Comparative Example 4

[0047] 100 g. of the product as prepared in Example 1 (a) are charged to a stirred reaction flask, together with 2.5 g. of a polyethylene polyamine bottoms product (avg. approximately 6.5 nitrogen atoms and 11 carbon atoms per molecule). The mixture is heated to 120°C. An orange-brown precipitate forms, and continues to form until the original color of the metal succinate is no longer evident, thereby indicating that copper was removed from the additive solution due to side reactions with the charged alkylene polyamine.

Example 5

[0048] 

(a) About 140 g. of a polyisobutenyl succinic anhydride (Sap. No. 69) derived from a 1300 number average molecular weight polyisobutylene polymer, is charged to a stirred reaction flask, and 56.9 g of additional diluent oil solvent 150N, 8.75 g. of water, and 18.1 g. of cupric acetate monohydrate are added. The reactants are heated to 110°C for 6 hours. Then, the reaction mixture is stripped with dry N₂ gas for 2 hours at 135°C.

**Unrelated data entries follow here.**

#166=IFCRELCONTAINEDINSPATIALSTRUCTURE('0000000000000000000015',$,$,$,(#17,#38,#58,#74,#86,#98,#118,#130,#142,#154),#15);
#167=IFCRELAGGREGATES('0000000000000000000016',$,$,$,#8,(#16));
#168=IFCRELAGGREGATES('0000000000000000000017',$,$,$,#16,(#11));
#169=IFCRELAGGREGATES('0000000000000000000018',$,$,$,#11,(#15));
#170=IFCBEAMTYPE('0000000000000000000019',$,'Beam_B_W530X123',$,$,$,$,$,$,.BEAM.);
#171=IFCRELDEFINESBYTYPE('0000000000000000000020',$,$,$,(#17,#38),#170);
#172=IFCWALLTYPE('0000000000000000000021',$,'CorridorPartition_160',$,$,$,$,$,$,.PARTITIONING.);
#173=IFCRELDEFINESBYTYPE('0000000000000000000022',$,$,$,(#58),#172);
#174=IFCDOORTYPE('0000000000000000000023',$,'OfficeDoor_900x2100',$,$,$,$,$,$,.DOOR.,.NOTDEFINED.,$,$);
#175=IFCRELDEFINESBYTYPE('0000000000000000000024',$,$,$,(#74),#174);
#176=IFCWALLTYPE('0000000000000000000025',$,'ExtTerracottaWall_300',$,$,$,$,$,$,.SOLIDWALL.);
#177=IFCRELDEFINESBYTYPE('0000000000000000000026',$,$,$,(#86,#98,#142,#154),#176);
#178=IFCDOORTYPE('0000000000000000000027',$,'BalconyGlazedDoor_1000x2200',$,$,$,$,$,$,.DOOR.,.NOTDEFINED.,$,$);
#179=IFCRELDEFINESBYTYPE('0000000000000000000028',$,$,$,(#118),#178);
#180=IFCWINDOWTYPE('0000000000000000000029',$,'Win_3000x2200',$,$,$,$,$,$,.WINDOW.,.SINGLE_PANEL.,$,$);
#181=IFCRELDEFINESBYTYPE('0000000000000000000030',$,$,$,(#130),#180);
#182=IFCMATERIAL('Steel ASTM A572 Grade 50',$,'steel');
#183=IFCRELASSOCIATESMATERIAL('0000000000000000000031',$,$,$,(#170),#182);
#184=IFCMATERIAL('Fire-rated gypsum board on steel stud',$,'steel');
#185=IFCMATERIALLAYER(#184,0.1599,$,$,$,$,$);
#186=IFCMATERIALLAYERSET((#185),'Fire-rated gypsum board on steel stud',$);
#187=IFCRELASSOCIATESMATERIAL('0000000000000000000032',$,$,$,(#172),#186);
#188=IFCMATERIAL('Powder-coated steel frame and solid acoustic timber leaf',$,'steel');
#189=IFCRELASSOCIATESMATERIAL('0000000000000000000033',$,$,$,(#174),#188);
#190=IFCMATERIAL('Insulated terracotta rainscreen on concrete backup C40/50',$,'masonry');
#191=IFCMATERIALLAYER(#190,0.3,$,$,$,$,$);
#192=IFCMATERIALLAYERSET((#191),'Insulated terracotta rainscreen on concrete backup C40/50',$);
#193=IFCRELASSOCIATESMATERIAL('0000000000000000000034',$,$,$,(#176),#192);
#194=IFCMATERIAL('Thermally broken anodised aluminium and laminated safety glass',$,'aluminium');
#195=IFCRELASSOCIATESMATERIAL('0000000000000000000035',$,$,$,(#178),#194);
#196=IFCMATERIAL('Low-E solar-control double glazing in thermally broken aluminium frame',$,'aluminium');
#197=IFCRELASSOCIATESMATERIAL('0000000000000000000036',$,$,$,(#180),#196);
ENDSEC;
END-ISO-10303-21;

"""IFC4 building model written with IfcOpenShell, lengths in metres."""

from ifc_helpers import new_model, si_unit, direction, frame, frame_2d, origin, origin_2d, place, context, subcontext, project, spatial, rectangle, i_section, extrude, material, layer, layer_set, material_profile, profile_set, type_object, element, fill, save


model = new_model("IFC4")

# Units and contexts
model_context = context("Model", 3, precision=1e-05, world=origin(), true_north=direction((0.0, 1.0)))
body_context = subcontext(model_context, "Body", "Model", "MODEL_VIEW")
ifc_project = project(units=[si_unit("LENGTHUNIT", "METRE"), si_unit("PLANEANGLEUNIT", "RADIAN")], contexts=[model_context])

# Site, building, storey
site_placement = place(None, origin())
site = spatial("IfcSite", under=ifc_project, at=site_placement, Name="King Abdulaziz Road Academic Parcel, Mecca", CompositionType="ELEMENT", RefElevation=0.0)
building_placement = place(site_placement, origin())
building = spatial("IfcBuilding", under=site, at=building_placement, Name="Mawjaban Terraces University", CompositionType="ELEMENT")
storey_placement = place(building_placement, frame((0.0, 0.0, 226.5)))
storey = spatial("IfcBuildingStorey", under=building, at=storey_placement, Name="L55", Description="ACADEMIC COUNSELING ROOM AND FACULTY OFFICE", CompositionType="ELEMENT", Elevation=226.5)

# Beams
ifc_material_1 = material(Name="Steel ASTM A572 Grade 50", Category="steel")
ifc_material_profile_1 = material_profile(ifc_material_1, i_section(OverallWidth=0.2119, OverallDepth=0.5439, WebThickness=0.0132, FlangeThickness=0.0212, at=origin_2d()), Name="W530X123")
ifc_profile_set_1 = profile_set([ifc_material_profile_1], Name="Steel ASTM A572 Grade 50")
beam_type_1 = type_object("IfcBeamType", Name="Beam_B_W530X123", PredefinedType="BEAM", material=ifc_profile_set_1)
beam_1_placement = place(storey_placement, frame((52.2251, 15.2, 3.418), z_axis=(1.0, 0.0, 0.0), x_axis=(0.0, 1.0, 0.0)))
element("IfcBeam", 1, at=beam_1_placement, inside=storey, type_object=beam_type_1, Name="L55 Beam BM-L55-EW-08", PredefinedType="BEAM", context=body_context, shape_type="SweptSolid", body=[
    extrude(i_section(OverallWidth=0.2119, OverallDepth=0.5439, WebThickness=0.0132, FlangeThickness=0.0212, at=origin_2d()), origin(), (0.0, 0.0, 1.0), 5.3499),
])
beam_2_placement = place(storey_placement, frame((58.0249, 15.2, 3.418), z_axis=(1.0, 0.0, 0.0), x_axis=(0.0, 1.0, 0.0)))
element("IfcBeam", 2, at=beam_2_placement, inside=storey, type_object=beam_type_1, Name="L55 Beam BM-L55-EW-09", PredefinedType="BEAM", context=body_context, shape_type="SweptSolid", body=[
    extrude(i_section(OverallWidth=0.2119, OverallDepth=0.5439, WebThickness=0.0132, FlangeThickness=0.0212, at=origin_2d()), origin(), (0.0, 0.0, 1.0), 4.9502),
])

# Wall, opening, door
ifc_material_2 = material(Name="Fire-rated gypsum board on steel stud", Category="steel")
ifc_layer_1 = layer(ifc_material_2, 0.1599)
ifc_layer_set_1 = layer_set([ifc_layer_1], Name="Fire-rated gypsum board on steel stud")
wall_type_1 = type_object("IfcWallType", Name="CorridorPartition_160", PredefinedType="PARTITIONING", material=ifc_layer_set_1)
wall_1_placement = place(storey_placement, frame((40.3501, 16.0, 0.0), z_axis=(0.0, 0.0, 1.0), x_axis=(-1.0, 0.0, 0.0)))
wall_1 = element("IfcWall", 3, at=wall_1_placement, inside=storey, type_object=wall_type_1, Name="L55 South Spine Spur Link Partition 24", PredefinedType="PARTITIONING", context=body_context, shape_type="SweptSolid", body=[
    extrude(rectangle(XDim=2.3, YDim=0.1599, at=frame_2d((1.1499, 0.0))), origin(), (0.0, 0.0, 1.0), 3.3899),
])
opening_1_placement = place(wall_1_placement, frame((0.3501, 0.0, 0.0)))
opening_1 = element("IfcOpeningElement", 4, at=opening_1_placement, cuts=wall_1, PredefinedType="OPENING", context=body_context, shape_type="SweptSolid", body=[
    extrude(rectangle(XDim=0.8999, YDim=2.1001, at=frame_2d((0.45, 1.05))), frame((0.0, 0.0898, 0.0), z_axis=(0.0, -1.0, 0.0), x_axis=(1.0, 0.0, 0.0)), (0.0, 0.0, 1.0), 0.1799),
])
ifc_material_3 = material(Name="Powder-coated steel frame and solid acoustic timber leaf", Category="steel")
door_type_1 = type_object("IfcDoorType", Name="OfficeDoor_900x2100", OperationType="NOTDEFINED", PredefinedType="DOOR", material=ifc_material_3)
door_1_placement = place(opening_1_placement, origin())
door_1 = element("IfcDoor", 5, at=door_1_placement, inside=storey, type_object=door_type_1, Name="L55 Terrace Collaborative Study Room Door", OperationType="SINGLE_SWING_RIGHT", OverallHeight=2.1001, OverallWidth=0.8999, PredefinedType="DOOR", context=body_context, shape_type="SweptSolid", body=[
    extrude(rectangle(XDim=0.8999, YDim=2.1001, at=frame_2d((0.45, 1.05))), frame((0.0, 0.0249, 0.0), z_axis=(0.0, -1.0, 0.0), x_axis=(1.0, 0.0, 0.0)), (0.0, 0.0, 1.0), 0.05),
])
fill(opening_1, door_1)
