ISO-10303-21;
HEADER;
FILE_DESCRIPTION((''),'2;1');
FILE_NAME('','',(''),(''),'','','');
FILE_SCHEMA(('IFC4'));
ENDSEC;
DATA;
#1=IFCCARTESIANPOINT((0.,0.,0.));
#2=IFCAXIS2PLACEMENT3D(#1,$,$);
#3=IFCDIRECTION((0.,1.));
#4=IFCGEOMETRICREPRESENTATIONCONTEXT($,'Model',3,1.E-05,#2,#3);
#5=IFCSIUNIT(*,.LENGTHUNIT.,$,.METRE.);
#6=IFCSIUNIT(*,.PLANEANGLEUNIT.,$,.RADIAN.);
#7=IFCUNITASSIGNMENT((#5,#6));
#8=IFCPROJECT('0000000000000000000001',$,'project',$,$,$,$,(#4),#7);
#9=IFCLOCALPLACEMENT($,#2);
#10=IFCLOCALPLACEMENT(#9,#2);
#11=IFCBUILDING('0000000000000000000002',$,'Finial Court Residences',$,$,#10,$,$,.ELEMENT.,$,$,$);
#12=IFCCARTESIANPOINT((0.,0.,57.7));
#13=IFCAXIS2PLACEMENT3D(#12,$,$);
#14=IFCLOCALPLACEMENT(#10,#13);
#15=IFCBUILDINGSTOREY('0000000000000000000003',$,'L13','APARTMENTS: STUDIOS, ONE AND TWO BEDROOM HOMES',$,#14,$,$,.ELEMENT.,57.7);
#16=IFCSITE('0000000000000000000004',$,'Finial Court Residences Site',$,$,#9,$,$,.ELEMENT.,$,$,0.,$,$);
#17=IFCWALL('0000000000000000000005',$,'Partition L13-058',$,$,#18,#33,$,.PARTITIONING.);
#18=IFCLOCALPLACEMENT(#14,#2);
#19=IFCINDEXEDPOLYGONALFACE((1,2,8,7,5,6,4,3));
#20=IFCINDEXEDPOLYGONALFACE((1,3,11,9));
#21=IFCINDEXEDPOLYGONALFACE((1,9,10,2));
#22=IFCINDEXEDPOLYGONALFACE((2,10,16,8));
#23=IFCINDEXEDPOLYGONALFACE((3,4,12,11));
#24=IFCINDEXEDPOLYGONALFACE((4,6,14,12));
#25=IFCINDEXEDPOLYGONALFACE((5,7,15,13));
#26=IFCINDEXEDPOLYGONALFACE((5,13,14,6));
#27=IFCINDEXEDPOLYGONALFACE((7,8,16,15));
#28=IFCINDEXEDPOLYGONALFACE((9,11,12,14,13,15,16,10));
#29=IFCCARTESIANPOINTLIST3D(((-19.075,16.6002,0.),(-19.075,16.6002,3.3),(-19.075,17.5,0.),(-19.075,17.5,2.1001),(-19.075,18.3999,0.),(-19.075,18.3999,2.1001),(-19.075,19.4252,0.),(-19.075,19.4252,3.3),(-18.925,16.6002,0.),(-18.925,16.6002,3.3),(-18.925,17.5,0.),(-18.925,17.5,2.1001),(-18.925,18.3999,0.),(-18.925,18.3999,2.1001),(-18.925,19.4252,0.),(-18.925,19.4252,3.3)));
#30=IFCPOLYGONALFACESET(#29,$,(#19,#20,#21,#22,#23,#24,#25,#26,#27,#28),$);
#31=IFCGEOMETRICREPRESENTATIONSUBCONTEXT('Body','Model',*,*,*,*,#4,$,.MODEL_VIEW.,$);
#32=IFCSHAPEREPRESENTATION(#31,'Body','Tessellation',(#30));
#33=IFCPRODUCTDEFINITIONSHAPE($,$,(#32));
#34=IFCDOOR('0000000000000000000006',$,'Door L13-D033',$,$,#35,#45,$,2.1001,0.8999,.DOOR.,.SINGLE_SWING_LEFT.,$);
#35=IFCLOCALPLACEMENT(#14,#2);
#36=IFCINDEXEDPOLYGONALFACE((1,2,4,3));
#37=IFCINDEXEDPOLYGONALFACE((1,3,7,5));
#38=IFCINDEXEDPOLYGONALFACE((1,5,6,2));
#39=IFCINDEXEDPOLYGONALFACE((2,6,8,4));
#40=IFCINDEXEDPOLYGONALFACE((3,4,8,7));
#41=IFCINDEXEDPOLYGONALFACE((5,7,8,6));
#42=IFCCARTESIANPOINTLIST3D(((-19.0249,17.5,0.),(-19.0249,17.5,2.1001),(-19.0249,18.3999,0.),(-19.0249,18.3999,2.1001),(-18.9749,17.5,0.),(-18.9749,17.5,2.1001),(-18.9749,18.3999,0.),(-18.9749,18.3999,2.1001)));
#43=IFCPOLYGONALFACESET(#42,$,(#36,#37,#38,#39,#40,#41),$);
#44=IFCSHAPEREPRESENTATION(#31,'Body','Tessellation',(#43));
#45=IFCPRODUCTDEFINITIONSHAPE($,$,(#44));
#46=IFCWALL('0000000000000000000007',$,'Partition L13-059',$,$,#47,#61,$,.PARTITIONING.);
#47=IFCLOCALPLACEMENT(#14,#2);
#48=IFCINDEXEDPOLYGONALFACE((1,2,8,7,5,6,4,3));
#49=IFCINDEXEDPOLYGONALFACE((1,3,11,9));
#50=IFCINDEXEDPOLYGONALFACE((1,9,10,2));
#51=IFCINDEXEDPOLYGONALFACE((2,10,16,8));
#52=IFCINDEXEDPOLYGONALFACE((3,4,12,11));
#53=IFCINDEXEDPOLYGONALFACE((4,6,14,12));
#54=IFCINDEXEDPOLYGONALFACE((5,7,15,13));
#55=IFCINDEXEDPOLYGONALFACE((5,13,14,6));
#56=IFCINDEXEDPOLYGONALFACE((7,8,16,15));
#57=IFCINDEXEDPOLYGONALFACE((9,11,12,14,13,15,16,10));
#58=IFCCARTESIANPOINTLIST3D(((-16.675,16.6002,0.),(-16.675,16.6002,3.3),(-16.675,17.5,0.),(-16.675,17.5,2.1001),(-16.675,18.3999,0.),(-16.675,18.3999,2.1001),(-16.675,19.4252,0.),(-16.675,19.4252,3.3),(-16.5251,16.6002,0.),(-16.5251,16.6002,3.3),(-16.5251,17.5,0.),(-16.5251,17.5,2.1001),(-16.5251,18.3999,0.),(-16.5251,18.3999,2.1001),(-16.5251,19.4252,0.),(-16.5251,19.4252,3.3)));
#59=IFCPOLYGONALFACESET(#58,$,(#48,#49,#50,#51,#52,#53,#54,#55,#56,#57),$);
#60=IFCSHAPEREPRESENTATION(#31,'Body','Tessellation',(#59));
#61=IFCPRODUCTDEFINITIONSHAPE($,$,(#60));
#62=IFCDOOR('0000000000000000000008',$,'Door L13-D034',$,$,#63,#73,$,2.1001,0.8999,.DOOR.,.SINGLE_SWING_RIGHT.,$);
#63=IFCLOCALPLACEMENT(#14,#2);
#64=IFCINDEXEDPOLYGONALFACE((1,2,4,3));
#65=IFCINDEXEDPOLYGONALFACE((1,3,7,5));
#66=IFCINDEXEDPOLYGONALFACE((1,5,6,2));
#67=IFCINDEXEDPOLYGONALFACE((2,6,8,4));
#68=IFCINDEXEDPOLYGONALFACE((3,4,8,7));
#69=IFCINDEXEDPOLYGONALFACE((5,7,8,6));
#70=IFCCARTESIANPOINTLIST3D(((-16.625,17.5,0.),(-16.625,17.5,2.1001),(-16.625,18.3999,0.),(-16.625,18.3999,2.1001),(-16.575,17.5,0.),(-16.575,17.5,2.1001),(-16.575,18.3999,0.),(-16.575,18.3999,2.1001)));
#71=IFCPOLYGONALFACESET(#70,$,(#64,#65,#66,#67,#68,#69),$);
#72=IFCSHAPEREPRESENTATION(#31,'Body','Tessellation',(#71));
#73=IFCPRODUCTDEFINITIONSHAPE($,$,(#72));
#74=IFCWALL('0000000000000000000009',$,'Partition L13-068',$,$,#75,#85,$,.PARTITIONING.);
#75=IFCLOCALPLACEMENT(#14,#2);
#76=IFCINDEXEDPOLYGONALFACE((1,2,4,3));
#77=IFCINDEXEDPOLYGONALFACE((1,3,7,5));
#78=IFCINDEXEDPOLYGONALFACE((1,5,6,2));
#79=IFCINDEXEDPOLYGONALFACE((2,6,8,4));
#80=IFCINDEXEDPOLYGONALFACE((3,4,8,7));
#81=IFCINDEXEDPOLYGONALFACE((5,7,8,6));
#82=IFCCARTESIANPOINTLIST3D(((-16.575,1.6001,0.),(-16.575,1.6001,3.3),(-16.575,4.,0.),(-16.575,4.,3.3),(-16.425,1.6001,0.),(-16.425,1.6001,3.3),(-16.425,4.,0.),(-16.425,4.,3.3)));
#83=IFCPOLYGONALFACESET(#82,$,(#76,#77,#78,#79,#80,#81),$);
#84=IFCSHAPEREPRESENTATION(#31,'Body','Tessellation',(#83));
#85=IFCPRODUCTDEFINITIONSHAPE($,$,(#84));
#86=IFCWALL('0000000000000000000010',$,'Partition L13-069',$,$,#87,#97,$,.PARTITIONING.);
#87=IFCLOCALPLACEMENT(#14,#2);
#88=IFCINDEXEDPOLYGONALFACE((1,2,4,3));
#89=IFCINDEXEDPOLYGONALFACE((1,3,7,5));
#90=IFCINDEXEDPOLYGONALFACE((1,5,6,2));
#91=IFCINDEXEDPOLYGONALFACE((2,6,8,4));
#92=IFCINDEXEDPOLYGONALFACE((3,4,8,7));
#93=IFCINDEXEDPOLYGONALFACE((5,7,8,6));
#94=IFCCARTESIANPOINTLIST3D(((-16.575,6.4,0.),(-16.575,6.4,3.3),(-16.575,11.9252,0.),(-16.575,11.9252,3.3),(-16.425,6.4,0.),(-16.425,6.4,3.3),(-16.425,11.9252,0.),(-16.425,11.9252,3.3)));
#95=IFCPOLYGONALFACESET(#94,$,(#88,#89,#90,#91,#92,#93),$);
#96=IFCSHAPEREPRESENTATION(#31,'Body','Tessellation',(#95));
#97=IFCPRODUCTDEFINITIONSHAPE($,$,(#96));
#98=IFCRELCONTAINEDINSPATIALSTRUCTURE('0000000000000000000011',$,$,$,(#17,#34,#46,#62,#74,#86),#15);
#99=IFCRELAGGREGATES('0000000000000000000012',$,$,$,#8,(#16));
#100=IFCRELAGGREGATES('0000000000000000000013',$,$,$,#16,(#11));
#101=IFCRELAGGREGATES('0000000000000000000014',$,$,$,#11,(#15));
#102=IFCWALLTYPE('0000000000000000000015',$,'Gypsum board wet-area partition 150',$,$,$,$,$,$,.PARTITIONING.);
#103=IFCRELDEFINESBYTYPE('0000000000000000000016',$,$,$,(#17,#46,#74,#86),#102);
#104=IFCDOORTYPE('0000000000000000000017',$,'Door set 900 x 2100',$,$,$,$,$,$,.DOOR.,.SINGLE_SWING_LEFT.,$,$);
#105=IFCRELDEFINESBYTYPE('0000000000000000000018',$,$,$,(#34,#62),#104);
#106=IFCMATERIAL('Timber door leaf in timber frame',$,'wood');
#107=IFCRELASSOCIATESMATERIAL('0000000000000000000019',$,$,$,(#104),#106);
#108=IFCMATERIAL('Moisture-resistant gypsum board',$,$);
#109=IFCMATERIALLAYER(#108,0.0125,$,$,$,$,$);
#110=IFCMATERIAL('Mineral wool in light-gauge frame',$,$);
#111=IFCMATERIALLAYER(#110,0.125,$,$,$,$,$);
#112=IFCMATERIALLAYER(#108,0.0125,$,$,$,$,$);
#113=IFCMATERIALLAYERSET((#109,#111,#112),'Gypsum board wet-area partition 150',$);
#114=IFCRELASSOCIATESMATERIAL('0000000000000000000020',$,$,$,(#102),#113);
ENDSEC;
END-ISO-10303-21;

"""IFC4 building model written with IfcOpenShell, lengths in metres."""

from ifc_helpers import new_model, si_unit, direction, frame, frame_2d, origin, place, context, subcontext, project, spatial, rectangle, extrude, material, layer, layer_set, type_object, element, fill, save


model = new_model("IFC4")

# Units and contexts
model_context = context("Model", 3, precision=1e-05, world=origin(), true_north=direction((0.0, 1.0)))
body_context = subcontext(model_context, "Body", "Model", "MODEL_VIEW")
ifc_project = project(units=[si_unit("LENGTHUNIT", "METRE"), si_unit("PLANEANGLEUNIT", "RADIAN")], contexts=[model_context])

# Site, building, storey
site_placement = place(None, origin())
site = spatial("IfcSite", under=ifc_project, at=site_placement, Name="Finial Court Residences Site", CompositionType="ELEMENT", RefElevation=0.0)
building_placement = place(site_placement, origin())
building = spatial("IfcBuilding", under=site, at=building_placement, Name="Finial Court Residences", CompositionType="ELEMENT")
storey_placement = place(building_placement, frame((0.0, 0.0, 57.7)))
storey = spatial("IfcBuildingStorey", under=building, at=storey_placement, Name="L13", Description="APARTMENTS: STUDIOS, ONE AND TWO BEDROOM HOMES", CompositionType="ELEMENT", Elevation=57.7)

# Shared definitions
ifc_material_1 = material(Name="Mineral wool in light-gauge frame")
ifc_material_2 = material(Name="Timber door leaf in timber frame", Category="wood")
door_type = type_object("IfcDoorType", Name="Door set 900 x 2100", OperationType="SINGLE_SWING_LEFT", PredefinedType="DOOR", material=ifc_material_2)
ifc_material_3 = material(Name="Moisture-resistant gypsum board")
ifc_layer_1 = layer(ifc_material_3, 0.0125)
ifc_layer_2 = layer(ifc_material_1, 0.125)
ifc_layer_3 = layer(ifc_material_3, 0.0125)
ifc_layer_set_1 = layer_set([ifc_layer_1, ifc_layer_2, ifc_layer_3], Name="Gypsum board wet-area partition 150")
wall_type_1 = type_object("IfcWallType", Name="Gypsum board wet-area partition 150", PredefinedType="PARTITIONING", material=ifc_layer_set_1)

# Walls, openings, doors
wall_1_placement = place(storey_placement, frame((-19.0, 16.6001, 0.0), z_axis=(0.0, 0.0, 1.0), x_axis=(0.0, 1.0, 0.0)))
wall_1 = element("IfcWall", 1, at=wall_1_placement, inside=storey, type_object=wall_type_1, Name="Partition L13-058", PredefinedType="PARTITIONING", context=body_context, shape_type="SweptSolid", body=[
    extrude(rectangle(XDim=2.825, YDim=0.1499, at=frame_2d((1.4126, 0.0))), origin(), (0.0, 0.0, 1.0), 3.3),
])
opening_1_placement = place(wall_1_placement, frame((0.8999, 0.0, 0.0)))
opening_1 = element("IfcOpeningElement", 2, at=opening_1_placement, cuts=wall_1, PredefinedType="OPENING", context=body_context, shape_type="SweptSolid", body=[
    extrude(rectangle(XDim=0.8999, YDim=2.1001, at=frame_2d((0.45, 1.05))), frame((0.0, 0.085, 0.0), z_axis=(0.0, -1.0, 0.0), x_axis=(1.0, 0.0, 0.0)), (0.0, 0.0, 1.0), 0.1699),
])
door_1_placement = place(opening_1_placement, origin())
door_1 = element("IfcDoor", 3, at=door_1_placement, inside=storey, type_object=door_type, Name="Door L13-D033", OperationType="SINGLE_SWING_LEFT", OverallHeight=2.1001, OverallWidth=0.8999, PredefinedType="DOOR", context=body_context, shape_type="SweptSolid", body=[
    extrude(rectangle(XDim=0.8999, YDim=2.1001, at=frame_2d((0.45, 1.05))), frame((0.0, 0.0249, 0.0), z_axis=(0.0, -1.0, 0.0), x_axis=(1.0, 0.0, 0.0)), (0.0, 0.0, 1.0), 0.05),
])
fill(opening_1, door_1)
wall_2_placement = place(storey_placement, frame((-16.6001, 16.6001, 0.0), z_axis=(0.0, 0.0, 1.0), x_axis=(0.0, 1.0, 0.0)))
wall_2 = element("IfcWall", 4, at=wall_2_placement, inside=storey, type_object=wall_type_1, Name="Partition L13-059", PredefinedType="PARTITIONING", context=body_context, shape_type="SweptSolid", body=[
    extrude(rectangle(XDim=2.825, YDim=0.1499, at=frame_2d((1.4126, 0.0))), origin(), (0.0, 0.0, 1.0), 3.3),
])
opening_2_placement = place(wall_2_placement, frame((0.8999, 0.0, 0.0)))
opening_2 = element("IfcOpeningElement", 5, at=opening_2_placement, cuts=wall_2, PredefinedType="OPENING", context=body_context, shape_type="SweptSolid", body=[
    extrude(rectangle(XDim=0.8999, YDim=2.1001, at=frame_2d((0.45, 1.05))), frame((0.0, 0.085, 0.0), z_axis=(0.0, -1.0, 0.0), x_axis=(1.0, 0.0, 0.0)), (0.0, 0.0, 1.0), 0.1699),
])
door_2_placement = place(opening_2_placement, origin())
door_2 = element("IfcDoor", 6, at=door_2_placement, inside=storey, type_object=door_type, Name="Door L13-D034", OperationType="SINGLE_SWING_RIGHT", OverallHeight=2.1001, OverallWidth=0.8999, PredefinedType="DOOR", context=body_context, shape_type="SweptSolid", body=[
    extrude(rectangle(XDim=0.8999, YDim=2.1001, at=frame_2d((0.45, 1.05))), frame((0.0, 0.0249, 0.0), z_axis=(0.0, -1.0, 0.0), x_axis=(1.0, 0.0, 0.0)), (0.0, 0.0, 1.0), 0.05),
])
fill(opening_2, door_2)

(b) The reaction mass is then cooled to 120°C, and 3.0 g. of hexylamine are added. The reaction mixture is allowed to react for 60 minutes. Unreacted amine and the water of reaction are removed using a 2-hour strip with dry N₂ gas. The resulting product is then filtered, and the filtrate is found to contain 2.7 wt% copper and 0.2 wt% nitrogen.

Example 6

[0049] 

(a) About 200 g. of a polyisobutenyl succinic anhydride (Sap. No. 43) derived from a 2200 number average molecular weight polyisobutylene polymer, is charged to a stirred reaction flask, and 66.1 g. of additional diluent oil solvent 150N, 10 g. of water, and 17 g. of cupric acetate monohydrate are added. The reactants are heated to 110°C for 6 hours. Then, the reaction mixture is stripped with dry N₂ gas for 2 hours at 135°C. The resulting product is then filtered, and the filtrate is found to have a kinematic viscosity of 1500 10⁻⁶m²⁻s⁻¹ (at 100°C) and to contain 1.59 wt% copper.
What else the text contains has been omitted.